The more generic things get (e.g. OpenCL has pointers) the harder it is for drivers to give locality tricks for free, so the downside of GPUGPU is that it does push some burden on to the application developers as a price to pay for the awesome amount of computational power they get in return .
The block diagram on the G71 GPU product page features optional segmented L2 blocks denoted by dotted lines, and the "Specification" tab lists that L2 is available in "1-4 slices" which is where my concern stemmed from.
Yup; that's purely to give more bandwidth in designs with more cores - every slice can be accessed in parallel, and can access main memory in parallel (subject to main memory system design and bandwidth limits; that's out of our control). From a behavioural point of view all slices are part of a single logical cache which all shader cores can use and share data coherently across.
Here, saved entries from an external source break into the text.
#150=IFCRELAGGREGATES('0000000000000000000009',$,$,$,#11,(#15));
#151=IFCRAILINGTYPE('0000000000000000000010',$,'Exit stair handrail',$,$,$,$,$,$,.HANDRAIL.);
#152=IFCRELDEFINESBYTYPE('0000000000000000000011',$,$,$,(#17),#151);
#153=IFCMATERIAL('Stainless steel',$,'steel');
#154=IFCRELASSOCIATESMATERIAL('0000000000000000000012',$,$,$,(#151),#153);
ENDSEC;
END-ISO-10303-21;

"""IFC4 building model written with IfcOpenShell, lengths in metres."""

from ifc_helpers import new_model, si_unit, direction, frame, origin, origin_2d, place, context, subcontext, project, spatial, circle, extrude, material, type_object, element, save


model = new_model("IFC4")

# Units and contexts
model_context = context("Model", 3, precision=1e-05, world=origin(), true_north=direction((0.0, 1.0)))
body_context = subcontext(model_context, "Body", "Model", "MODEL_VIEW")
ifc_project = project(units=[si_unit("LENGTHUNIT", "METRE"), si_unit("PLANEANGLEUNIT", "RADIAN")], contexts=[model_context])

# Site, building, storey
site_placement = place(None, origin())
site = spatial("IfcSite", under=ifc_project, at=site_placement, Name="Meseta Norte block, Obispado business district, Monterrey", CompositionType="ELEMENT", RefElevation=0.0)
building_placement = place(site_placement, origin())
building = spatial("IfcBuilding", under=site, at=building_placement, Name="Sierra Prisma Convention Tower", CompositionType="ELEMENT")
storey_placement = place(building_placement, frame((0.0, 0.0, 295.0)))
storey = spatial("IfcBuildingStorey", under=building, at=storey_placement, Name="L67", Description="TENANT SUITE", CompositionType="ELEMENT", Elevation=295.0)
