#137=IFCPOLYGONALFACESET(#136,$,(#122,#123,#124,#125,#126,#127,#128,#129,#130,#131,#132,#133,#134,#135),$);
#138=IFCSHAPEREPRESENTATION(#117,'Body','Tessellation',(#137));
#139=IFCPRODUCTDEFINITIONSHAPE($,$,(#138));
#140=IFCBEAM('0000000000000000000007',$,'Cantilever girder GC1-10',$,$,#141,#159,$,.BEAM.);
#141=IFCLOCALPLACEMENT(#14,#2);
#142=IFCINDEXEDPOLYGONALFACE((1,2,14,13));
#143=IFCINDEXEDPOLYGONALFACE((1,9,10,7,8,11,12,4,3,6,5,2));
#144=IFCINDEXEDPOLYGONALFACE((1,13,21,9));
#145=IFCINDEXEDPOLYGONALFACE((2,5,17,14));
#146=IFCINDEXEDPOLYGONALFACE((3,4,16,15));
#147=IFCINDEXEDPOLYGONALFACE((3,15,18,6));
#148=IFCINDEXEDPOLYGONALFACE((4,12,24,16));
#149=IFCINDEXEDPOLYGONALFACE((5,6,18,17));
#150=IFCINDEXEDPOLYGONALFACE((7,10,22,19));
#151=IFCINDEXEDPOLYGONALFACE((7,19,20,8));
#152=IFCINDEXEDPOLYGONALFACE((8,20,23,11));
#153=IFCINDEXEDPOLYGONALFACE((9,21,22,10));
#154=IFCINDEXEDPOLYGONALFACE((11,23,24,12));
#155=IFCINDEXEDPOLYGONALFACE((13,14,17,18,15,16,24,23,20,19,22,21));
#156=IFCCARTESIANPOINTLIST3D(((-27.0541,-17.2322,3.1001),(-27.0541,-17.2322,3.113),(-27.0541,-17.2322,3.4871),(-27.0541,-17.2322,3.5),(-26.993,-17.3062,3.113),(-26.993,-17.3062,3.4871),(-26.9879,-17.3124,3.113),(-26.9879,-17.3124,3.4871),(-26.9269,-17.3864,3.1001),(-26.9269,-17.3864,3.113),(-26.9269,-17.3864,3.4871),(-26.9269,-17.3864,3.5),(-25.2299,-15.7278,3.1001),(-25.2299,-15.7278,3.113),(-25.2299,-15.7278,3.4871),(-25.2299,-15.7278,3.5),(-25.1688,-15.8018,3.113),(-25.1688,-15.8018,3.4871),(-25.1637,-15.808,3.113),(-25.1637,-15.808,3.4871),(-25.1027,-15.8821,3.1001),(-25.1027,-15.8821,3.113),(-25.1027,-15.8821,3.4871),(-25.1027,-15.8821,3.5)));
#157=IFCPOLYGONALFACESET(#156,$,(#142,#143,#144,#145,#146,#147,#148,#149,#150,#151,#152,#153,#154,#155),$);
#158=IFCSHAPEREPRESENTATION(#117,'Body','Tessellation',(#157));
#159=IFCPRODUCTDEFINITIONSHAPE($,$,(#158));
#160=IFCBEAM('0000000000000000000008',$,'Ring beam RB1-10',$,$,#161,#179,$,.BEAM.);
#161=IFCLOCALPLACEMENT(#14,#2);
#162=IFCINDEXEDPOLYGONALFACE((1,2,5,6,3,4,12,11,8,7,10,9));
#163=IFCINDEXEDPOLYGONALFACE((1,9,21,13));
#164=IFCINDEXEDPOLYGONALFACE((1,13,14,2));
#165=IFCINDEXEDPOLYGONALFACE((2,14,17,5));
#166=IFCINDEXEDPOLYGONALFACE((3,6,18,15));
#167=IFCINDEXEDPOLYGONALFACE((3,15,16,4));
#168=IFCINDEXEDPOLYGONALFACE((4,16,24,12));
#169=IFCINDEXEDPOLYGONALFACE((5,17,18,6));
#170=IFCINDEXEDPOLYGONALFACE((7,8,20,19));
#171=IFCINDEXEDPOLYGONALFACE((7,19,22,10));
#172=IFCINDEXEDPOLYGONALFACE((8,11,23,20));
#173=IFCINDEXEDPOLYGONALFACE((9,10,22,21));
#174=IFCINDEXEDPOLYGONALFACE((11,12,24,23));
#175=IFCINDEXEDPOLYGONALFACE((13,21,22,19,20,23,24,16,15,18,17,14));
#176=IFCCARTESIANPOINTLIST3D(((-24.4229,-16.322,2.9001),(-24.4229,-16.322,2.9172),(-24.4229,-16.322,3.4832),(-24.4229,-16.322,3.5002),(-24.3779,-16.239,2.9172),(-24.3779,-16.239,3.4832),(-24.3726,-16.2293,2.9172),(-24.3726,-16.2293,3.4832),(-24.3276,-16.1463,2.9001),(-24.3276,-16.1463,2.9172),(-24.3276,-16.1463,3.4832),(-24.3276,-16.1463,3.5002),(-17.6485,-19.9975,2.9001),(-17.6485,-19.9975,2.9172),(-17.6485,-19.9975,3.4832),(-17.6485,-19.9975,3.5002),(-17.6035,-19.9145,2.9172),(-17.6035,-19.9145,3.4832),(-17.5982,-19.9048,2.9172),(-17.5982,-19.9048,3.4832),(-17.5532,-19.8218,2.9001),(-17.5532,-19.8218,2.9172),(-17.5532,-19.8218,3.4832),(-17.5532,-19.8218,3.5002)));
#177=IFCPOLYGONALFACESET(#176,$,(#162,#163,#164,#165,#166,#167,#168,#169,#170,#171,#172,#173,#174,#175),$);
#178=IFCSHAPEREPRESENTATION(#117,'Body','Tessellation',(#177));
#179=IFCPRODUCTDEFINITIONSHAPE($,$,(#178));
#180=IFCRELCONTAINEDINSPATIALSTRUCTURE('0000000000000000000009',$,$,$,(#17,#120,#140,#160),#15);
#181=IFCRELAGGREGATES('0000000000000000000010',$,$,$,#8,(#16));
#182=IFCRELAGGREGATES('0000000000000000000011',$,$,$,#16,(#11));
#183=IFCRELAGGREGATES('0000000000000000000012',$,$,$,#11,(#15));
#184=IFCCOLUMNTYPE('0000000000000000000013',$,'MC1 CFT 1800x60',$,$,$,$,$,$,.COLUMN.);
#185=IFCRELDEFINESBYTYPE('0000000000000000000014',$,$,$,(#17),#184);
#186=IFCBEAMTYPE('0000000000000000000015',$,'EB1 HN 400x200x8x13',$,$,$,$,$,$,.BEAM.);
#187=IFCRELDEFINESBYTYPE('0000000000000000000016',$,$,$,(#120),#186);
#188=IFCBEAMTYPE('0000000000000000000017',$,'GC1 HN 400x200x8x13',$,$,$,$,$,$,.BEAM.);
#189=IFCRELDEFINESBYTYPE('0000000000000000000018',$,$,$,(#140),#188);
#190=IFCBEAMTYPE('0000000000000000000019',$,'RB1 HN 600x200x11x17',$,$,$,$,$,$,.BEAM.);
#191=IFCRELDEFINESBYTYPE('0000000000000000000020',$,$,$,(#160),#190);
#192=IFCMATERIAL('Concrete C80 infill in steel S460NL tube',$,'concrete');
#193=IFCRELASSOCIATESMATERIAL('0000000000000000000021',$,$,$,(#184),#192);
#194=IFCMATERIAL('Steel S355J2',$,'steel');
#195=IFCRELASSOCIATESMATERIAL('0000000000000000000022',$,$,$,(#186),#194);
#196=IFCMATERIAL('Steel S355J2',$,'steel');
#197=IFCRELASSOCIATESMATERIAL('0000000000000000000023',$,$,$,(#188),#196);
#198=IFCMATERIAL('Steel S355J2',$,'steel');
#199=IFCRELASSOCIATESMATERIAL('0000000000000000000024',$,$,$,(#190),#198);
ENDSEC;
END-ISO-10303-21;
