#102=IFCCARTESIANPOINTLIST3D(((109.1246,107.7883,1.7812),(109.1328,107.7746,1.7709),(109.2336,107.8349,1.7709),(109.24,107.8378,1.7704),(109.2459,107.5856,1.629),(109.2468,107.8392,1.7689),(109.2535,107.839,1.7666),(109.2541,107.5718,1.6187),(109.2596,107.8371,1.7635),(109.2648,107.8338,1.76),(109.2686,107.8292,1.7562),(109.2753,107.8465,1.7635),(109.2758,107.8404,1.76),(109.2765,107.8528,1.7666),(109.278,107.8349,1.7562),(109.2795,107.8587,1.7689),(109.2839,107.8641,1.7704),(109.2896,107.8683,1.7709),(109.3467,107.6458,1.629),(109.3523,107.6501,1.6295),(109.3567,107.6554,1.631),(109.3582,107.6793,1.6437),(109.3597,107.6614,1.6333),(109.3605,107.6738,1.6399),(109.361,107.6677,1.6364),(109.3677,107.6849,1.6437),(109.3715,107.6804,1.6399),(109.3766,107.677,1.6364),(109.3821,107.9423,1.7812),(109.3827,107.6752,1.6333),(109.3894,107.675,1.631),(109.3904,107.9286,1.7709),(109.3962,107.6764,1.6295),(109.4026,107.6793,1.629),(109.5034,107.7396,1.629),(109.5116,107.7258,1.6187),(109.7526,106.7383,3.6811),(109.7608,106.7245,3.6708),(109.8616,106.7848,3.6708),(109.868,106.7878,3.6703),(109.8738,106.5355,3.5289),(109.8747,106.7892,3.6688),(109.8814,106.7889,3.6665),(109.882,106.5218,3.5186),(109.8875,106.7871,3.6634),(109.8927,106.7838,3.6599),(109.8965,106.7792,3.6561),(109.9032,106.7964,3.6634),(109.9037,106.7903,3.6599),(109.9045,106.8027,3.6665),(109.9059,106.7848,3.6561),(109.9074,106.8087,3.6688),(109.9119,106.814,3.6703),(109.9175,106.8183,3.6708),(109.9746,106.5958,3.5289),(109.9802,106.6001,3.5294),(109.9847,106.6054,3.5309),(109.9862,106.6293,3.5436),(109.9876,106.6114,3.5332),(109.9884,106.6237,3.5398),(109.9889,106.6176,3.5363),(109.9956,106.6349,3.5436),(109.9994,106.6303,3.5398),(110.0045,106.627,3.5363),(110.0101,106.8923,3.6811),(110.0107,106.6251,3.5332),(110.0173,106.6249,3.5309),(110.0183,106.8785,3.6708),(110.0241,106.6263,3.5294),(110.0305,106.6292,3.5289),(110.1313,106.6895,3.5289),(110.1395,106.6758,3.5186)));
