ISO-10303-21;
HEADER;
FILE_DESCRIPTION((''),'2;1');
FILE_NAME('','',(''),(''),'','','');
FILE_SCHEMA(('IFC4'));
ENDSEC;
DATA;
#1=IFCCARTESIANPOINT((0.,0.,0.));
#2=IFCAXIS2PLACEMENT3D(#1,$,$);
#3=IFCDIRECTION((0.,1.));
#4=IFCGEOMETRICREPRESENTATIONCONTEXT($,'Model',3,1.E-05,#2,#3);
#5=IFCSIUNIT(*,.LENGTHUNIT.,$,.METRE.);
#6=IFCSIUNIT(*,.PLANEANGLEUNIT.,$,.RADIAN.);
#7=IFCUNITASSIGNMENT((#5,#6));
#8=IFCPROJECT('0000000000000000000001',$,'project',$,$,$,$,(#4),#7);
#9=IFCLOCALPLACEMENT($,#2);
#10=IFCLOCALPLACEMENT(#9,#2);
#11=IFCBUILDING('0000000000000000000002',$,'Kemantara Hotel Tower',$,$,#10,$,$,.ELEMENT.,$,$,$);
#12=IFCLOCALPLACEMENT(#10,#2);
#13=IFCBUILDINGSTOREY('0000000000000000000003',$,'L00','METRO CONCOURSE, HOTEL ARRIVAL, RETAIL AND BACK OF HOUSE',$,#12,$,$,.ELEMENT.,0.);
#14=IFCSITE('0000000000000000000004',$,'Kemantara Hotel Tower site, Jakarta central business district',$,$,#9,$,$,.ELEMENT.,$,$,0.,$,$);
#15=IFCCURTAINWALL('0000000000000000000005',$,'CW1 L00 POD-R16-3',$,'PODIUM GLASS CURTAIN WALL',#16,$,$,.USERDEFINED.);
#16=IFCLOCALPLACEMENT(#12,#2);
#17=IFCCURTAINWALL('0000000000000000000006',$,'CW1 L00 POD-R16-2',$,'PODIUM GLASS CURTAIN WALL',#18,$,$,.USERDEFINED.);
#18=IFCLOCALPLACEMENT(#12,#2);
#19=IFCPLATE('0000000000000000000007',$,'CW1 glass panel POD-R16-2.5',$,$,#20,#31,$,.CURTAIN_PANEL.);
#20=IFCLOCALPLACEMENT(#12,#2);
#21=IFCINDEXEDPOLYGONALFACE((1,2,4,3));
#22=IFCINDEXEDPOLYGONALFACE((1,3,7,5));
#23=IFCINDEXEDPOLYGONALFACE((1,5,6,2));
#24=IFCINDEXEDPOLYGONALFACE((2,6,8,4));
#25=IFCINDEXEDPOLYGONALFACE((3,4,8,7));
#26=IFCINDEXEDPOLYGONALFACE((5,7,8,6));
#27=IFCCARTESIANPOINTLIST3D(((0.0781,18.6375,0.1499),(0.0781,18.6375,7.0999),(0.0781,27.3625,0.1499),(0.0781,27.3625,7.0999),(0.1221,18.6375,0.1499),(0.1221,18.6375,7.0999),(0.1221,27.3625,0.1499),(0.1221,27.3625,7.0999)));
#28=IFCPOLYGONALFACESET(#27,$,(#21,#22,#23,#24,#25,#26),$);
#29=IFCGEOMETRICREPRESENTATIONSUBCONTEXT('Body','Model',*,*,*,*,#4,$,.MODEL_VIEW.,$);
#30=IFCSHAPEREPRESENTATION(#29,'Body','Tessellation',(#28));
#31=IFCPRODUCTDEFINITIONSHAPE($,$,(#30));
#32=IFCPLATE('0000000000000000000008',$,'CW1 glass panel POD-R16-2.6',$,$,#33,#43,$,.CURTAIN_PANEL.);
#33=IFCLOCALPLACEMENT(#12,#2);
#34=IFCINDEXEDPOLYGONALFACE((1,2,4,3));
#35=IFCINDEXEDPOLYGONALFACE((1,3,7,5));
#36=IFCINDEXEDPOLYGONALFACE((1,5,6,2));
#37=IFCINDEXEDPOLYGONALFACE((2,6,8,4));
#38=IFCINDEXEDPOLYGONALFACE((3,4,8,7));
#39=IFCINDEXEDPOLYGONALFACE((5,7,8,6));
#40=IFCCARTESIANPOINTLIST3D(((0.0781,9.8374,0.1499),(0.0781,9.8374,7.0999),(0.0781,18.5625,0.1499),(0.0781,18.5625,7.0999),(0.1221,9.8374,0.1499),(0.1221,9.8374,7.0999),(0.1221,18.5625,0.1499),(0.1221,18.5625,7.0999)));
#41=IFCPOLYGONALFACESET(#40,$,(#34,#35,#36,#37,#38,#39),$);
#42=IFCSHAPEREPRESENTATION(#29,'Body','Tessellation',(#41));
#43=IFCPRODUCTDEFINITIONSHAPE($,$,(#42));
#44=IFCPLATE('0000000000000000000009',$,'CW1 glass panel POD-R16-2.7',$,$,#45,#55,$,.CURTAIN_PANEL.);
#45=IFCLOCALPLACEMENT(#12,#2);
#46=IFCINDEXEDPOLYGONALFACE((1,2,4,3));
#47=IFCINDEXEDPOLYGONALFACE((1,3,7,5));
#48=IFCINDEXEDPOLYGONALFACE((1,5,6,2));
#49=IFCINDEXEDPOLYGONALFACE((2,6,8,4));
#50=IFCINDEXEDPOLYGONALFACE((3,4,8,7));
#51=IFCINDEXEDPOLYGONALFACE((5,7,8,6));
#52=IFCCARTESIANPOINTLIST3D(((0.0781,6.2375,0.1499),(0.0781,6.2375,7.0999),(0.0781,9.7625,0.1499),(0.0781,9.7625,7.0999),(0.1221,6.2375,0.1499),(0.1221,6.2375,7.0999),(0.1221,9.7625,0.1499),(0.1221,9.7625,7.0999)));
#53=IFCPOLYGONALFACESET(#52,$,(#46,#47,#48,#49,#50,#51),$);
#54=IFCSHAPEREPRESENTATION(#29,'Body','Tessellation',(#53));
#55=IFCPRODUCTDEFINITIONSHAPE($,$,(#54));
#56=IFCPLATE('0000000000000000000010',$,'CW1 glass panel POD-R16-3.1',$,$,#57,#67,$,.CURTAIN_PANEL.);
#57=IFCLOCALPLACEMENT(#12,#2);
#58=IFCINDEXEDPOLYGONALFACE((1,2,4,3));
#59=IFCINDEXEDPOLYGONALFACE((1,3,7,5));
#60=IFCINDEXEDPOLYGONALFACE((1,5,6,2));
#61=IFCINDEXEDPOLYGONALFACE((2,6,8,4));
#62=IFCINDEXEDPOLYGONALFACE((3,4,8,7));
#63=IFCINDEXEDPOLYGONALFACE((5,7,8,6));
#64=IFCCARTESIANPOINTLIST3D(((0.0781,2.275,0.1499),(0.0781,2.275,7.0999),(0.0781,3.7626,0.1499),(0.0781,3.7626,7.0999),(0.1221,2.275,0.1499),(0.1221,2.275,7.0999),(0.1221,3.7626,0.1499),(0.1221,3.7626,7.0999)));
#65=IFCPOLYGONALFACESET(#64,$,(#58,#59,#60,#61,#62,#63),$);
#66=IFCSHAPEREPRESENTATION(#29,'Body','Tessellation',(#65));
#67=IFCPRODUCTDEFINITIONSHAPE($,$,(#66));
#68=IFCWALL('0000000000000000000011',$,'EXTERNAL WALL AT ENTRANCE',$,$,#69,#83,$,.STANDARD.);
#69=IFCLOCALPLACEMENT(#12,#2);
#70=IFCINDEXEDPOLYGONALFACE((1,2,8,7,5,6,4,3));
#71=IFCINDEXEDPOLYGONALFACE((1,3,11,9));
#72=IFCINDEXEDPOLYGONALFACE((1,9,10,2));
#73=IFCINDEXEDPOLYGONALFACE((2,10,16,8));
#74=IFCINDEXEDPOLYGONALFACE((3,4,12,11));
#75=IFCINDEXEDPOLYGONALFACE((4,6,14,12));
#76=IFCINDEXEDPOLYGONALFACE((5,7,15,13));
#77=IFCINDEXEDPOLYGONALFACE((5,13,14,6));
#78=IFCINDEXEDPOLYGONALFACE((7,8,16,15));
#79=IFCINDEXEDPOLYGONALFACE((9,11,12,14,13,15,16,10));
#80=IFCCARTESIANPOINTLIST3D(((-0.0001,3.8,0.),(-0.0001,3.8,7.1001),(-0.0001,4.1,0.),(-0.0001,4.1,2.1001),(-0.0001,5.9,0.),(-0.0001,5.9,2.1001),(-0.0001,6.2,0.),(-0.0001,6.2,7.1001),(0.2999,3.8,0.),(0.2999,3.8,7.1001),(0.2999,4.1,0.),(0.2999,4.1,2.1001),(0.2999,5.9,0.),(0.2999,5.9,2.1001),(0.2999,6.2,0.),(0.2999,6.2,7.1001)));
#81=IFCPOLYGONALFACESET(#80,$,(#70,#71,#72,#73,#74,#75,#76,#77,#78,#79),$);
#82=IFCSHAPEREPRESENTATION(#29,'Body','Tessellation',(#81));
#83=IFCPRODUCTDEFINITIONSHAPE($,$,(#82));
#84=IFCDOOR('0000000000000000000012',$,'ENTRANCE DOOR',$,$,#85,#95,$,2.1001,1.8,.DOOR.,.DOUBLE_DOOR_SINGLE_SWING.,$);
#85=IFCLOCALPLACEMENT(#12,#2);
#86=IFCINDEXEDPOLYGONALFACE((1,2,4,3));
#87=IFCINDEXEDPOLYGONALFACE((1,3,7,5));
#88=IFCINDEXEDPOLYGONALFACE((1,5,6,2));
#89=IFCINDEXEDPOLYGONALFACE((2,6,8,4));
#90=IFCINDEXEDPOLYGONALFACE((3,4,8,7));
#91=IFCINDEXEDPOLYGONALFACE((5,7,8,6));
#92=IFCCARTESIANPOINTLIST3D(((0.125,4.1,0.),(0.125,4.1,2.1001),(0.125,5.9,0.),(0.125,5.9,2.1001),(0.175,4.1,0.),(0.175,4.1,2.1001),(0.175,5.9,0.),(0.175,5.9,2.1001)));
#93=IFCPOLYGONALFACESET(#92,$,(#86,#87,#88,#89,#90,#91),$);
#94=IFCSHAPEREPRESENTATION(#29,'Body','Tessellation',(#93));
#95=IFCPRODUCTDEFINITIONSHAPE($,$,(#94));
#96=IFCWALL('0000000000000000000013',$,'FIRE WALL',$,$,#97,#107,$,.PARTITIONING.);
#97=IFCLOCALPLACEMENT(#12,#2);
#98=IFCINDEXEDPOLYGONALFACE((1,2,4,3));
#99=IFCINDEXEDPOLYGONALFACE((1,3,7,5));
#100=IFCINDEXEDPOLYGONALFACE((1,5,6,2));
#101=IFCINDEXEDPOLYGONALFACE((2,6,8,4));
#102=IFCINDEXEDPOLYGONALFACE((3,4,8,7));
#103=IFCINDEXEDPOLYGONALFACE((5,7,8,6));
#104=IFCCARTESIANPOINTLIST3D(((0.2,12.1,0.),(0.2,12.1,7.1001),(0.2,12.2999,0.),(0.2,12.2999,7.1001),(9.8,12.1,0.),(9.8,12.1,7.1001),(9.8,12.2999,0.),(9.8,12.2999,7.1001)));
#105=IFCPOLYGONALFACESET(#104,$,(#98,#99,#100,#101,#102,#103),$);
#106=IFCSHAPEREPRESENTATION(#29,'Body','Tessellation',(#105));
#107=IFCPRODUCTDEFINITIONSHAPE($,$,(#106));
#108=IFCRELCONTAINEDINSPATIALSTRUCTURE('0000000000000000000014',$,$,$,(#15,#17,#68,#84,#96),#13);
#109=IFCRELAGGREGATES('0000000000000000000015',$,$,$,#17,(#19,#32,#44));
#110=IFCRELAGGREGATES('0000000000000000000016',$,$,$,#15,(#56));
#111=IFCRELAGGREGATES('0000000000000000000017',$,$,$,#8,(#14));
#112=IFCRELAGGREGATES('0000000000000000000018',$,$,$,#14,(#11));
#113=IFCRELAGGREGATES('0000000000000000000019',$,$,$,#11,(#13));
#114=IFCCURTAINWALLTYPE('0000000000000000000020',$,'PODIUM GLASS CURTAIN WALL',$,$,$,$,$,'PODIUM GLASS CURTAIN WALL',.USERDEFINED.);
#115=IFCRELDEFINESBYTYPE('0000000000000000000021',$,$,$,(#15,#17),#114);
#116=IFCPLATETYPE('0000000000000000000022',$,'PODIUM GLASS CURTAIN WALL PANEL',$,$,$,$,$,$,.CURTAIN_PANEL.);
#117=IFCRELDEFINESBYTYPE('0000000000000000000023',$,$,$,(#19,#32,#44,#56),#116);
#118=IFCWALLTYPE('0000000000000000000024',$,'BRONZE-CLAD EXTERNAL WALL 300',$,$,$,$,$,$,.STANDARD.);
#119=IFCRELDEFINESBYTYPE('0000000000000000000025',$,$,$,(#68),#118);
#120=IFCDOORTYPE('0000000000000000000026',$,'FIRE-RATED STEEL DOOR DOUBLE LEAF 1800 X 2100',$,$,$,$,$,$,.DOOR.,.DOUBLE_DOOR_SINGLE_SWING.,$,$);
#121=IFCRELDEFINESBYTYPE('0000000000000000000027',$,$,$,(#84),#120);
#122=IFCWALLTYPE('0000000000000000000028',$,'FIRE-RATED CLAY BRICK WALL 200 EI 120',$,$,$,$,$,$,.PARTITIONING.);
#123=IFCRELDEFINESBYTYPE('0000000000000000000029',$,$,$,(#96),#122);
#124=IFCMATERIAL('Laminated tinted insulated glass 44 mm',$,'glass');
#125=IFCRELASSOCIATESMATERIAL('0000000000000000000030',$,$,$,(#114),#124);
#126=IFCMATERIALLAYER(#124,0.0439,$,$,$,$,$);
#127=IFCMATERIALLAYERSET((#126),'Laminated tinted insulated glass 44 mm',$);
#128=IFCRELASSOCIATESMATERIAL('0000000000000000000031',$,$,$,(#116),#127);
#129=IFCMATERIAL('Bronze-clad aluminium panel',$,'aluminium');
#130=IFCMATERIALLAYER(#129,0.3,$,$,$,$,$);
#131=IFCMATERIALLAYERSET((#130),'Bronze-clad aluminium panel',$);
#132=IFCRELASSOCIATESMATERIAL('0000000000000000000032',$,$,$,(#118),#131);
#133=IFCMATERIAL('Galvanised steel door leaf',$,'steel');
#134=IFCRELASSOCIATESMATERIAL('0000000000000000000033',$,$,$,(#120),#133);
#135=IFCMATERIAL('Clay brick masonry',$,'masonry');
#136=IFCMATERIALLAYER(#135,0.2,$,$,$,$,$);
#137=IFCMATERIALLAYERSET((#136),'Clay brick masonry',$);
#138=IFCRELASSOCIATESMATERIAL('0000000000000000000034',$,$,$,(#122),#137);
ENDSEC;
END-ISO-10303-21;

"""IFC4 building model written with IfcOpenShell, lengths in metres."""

from ifc_helpers import new_model, si_unit, direction, frame, frame_2d, origin, origin_2d, place, context, subcontext, project, spatial, rectangle, extrude, source, transform, mapped, material, layer, layer_set, type_object, element, fill, aggregate, save


model = new_model("IFC4")

# Units and contexts
model_context = context("Model", 3, precision=1e-05, world=origin(), true_north=direction((0.0, 1.0)))
body_context = subcontext(model_context, "Body", "Model", "MODEL_VIEW")
ifc_project = project(units=[si_unit("LENGTHUNIT", "METRE"), si_unit("PLANEANGLEUNIT", "RADIAN")], contexts=[model_context])

# Site, building, storey
site_placement = place(None, origin())
site = spatial("IfcSite", under=ifc_project, at=site_placement, Name="Kemantara Hotel Tower site, Jakarta central business district", CompositionType="ELEMENT", RefElevation=0.0)
building_placement = place(site_placement, origin())
building = spatial("IfcBuilding", under=site, at=building_placement, Name="Kemantara Hotel Tower", CompositionType="ELEMENT")
storey_placement = place(building_placement, origin())
storey = spatial("IfcBuildingStorey", under=building, at=storey_placement, Name="L00", Description="METRO CONCOURSE, HOTEL ARRIVAL, RETAIL AND BACK OF HOUSE", CompositionType="ELEMENT", Elevation=0.0)

# Curtain wall
ifc_material_1 = material(Name="Laminated tinted insulated glass 44 mm", Category="glass")
curtain_wall_type = type_object("IfcCurtainWallType", Name="PODIUM GLASS CURTAIN WALL", ElementType="PODIUM GLASS CURTAIN WALL", PredefinedType="USERDEFINED", material=ifc_material_1)
curtain_wall_1_placement = place(storey_placement, origin())
curtain_wall_1 = element("IfcCurtainWall", 1, at=curtain_wall_1_placement, inside=storey, type_object=curtain_wall_type, Name="CW1 L00 POD-R16-3", ObjectType="PODIUM GLASS CURTAIN WALL", PredefinedType="USERDEFINED")

# Curtain wall
curtain_wall_2_placement = place(storey_placement, origin())
curtain_wall_2 = element("IfcCurtainWall", 2, at=curtain_wall_2_placement, inside=storey, type_object=curtain_wall_type, Name="CW1 L00 POD-R16-2", ObjectType="PODIUM GLASS CURTAIN WALL", PredefinedType="USERDEFINED")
The main one compute shaders suffer from is lack of good data locality in 2D or 3D data sets; you need to take extreme algorithmic care to feed them to the GPU in a manner which won't thrash the data caches or the TLBs.......but compute shaders (Open CL especially) tend to treat big data arrays in the same way a CPU does - simply big 1D/2D/3D flat arrays in memory which can cause problems.
This precisely corroborates my understanding, and may be why despite ample cycles, and large computational resources, ray-tracers on the GPU tend to be so limited in performance. Due large spatial divergence of cast rays (before the first intersection), the data-set that must be considered during ray propagation is far too large for local caches on all but the simplest scenes and likely causes large stalls where the GPU is waiting on external memory to feed it data. And it's not just the scene geometry that must be considered, but also the acceleration structure used to subdivide the scene which can be considerable as the scene increases in complexity, and the surface characteristics (eg. normals, shaders) that dictate the ray reflection!
A better approach could involve moving rays along the acceleration structure in "batches" that exploit spatial locality, and by deferring intersection tests until all rays have been moved and surface intersection must be tested. Thus the core solution becomes grouping the rays by some bounding structure they are moving through (for example), or by the surface that they are intersecting with, making it much more likely that the requisite data will remain on-chip during ray operations.
The problem that I am working on is also fundamentally memory limited, and I've discovered how tricky it can be to organize data so as to make good use of caches and avoid stalls!